How does exchange, networking and international contacts contribute to the development of your artistic and cultural project?

The question of exchange is very sensitive. It was very important to us not to present ourselves as being ‘experts’ or more culturally competent than the people we were engaging with, which I feel can be the theme for internationals working with artisans from countries that are at different stages of development or in need of support. Whilst in Beit Ummar we engaged with Muna’s networks within the town, the summer camp networks she had set up for us, and the women’s embroidery networks. Within these we developed ways of collaborating, working on each others strengths and creative exploration to grow an artistic and design process that kept us on the same level. I exchanged my contacts within Masir Ibrahim as well as exchanging our experiences and knowledge within the arts. As a group, Julie Fox, Elinor Stanley and myself pulled these many networks together to begin to gather a creative network that could support different ventures. I created the international part, connections with Masir Ibrahim, the Abraham path and the potential of connecting with London art galleries to exhibit the work produced, looking towards this in 2018.

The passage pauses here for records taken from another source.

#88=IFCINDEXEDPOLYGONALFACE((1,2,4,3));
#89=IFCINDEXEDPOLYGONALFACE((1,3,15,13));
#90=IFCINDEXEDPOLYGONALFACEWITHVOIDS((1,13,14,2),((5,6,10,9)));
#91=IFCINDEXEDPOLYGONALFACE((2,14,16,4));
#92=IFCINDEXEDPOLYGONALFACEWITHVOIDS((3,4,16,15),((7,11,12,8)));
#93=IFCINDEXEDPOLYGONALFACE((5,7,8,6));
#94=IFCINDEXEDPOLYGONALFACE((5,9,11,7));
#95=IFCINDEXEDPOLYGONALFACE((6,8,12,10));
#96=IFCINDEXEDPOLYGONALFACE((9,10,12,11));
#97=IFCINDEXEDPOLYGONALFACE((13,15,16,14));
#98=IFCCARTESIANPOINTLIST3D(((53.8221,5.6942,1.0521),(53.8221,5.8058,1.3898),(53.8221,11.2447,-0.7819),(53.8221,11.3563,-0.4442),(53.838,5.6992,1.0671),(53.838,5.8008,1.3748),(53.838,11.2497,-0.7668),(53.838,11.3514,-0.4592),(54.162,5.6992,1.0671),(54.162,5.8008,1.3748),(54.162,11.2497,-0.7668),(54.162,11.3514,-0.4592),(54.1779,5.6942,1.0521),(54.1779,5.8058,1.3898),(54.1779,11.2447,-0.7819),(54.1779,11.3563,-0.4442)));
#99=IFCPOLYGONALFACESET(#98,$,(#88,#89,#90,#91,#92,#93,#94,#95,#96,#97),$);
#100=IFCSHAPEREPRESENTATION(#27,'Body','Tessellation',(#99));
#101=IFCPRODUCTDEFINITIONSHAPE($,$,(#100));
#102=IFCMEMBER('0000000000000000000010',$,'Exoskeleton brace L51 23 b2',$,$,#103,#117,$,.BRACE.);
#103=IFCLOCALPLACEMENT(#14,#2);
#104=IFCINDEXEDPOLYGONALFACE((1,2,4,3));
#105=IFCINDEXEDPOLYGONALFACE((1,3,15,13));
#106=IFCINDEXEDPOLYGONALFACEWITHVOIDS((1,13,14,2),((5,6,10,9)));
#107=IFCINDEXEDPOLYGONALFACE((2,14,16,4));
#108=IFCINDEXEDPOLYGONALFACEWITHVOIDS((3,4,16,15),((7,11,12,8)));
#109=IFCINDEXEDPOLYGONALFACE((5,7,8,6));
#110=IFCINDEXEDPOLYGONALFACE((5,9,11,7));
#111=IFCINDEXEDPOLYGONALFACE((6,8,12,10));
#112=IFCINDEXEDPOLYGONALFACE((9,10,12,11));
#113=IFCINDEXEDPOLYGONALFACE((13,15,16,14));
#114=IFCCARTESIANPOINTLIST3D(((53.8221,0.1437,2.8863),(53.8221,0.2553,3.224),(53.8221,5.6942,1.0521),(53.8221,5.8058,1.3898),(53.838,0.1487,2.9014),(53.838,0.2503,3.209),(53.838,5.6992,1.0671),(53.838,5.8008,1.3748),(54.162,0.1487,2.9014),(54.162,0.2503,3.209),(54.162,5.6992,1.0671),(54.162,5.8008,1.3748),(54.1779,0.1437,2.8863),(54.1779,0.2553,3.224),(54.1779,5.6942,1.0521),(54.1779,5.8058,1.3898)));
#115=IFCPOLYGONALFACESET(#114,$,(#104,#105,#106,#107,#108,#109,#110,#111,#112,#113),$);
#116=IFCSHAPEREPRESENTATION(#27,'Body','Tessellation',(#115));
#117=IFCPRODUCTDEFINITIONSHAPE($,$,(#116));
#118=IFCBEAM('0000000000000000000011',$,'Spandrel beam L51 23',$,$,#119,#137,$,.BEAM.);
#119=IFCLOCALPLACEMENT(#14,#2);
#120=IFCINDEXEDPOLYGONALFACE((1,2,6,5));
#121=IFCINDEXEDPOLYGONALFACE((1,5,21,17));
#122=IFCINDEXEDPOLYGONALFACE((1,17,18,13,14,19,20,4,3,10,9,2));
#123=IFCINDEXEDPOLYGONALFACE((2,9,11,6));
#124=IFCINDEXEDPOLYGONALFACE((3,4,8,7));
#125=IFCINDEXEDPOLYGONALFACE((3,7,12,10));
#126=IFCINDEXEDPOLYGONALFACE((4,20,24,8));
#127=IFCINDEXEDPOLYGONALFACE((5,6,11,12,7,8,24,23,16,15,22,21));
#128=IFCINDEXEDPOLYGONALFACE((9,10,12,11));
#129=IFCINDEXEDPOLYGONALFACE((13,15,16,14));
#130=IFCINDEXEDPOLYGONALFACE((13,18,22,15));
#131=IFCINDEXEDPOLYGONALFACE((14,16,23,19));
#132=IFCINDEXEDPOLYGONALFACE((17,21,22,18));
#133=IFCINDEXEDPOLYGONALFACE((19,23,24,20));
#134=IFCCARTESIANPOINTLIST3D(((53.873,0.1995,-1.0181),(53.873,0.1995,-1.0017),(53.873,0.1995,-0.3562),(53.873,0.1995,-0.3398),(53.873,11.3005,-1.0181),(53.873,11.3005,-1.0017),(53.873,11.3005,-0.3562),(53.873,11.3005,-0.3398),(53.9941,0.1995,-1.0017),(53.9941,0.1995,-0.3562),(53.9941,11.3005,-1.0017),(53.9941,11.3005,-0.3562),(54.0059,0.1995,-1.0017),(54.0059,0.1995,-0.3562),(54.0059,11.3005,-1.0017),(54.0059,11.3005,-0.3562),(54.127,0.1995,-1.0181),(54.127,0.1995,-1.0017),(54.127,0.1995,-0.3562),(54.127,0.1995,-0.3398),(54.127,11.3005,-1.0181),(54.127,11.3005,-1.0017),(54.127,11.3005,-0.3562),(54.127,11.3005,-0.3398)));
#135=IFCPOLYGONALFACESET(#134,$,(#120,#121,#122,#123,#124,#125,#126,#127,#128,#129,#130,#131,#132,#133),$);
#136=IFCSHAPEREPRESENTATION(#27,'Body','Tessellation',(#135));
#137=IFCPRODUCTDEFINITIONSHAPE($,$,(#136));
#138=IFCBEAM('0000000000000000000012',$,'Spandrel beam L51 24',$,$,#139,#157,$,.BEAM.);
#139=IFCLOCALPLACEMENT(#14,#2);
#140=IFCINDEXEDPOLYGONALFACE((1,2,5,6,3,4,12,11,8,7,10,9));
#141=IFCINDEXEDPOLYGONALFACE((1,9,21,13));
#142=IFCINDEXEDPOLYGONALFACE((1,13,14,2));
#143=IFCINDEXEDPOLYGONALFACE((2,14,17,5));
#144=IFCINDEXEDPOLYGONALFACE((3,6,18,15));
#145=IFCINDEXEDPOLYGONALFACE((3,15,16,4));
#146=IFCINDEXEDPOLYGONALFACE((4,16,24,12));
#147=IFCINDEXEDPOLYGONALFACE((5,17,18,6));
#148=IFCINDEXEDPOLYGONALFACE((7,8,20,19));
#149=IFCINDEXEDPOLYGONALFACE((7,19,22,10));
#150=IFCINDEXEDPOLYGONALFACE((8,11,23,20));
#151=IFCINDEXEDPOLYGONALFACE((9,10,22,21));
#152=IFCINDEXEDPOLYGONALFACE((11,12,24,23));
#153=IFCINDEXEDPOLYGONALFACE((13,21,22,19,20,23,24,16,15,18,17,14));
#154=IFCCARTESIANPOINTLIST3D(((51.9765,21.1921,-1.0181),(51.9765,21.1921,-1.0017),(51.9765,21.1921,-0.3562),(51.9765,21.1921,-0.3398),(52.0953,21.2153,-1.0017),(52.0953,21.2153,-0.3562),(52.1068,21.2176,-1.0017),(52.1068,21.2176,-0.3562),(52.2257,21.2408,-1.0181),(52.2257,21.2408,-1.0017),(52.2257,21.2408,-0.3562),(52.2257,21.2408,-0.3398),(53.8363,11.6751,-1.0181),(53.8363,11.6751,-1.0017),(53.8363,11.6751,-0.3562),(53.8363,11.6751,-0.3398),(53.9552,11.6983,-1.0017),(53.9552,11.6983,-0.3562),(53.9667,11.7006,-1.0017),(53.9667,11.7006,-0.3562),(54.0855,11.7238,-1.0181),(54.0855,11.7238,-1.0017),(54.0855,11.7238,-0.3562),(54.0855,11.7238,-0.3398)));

Can you elaborate on the learning and knowledge you have gained and shared throughout this experience?

During the classes we noticed themes, such as, Palestinian flags and boats a theme in children's work. They also had very little if any knowledge of the contemporary palestinian artists we endeavored to use as examples within our classes. You could observe a sense of pride in them when they realised the works they were taking inspiration from were representations of their land by their people. The classes we taught begin to show the children what is available to them and give them a wider understanding of different ways of seeing. Many young boys from Beit Ummar have been sent to jail by the Israeli authorities, some from as young at 12 years old. Learning this we realized how important work like ours could be here, to distract these older children at a time when lack of activities and outlets for their frustration could end up with a short childhood. The classes we will start now and the ones we will develop for the camp in the following year will aim to focus more on ages 11-14. Whilst walking through Beit Ummar you can’t help noticing the amount of waste left on the streets. This garbage could provide a creative resource in future camps, which also have beneficial environmental effects, allowing the feeling of empowerment. For example, melting down metals to create furniture, using old plastics to create sculptures or instruments etc. In regards to the future of this project we now have greater awareness of the many checkpoints involved in moving pieces we make. It would be interesting to plot these whilst producing garments as a part of the story, integrating this task as part of the work. On walks with Muna, we found a spring, and saw how we could set up a path network here with themes of storytelling, talks, folk singing, sculpture and other arts within the hiking plans with Masir Ibrahim. Finally spending time in the homes of the women who worked for the camp was quite shocking to us. Women from Beit Ummar are encouraged to work, have a profession and bring an income but household responsibilities still aren’t shared, we were in awe of these women who never seemed to stop, their stamina was inspiring though you could see their fatigue combined with the passion in their expressions.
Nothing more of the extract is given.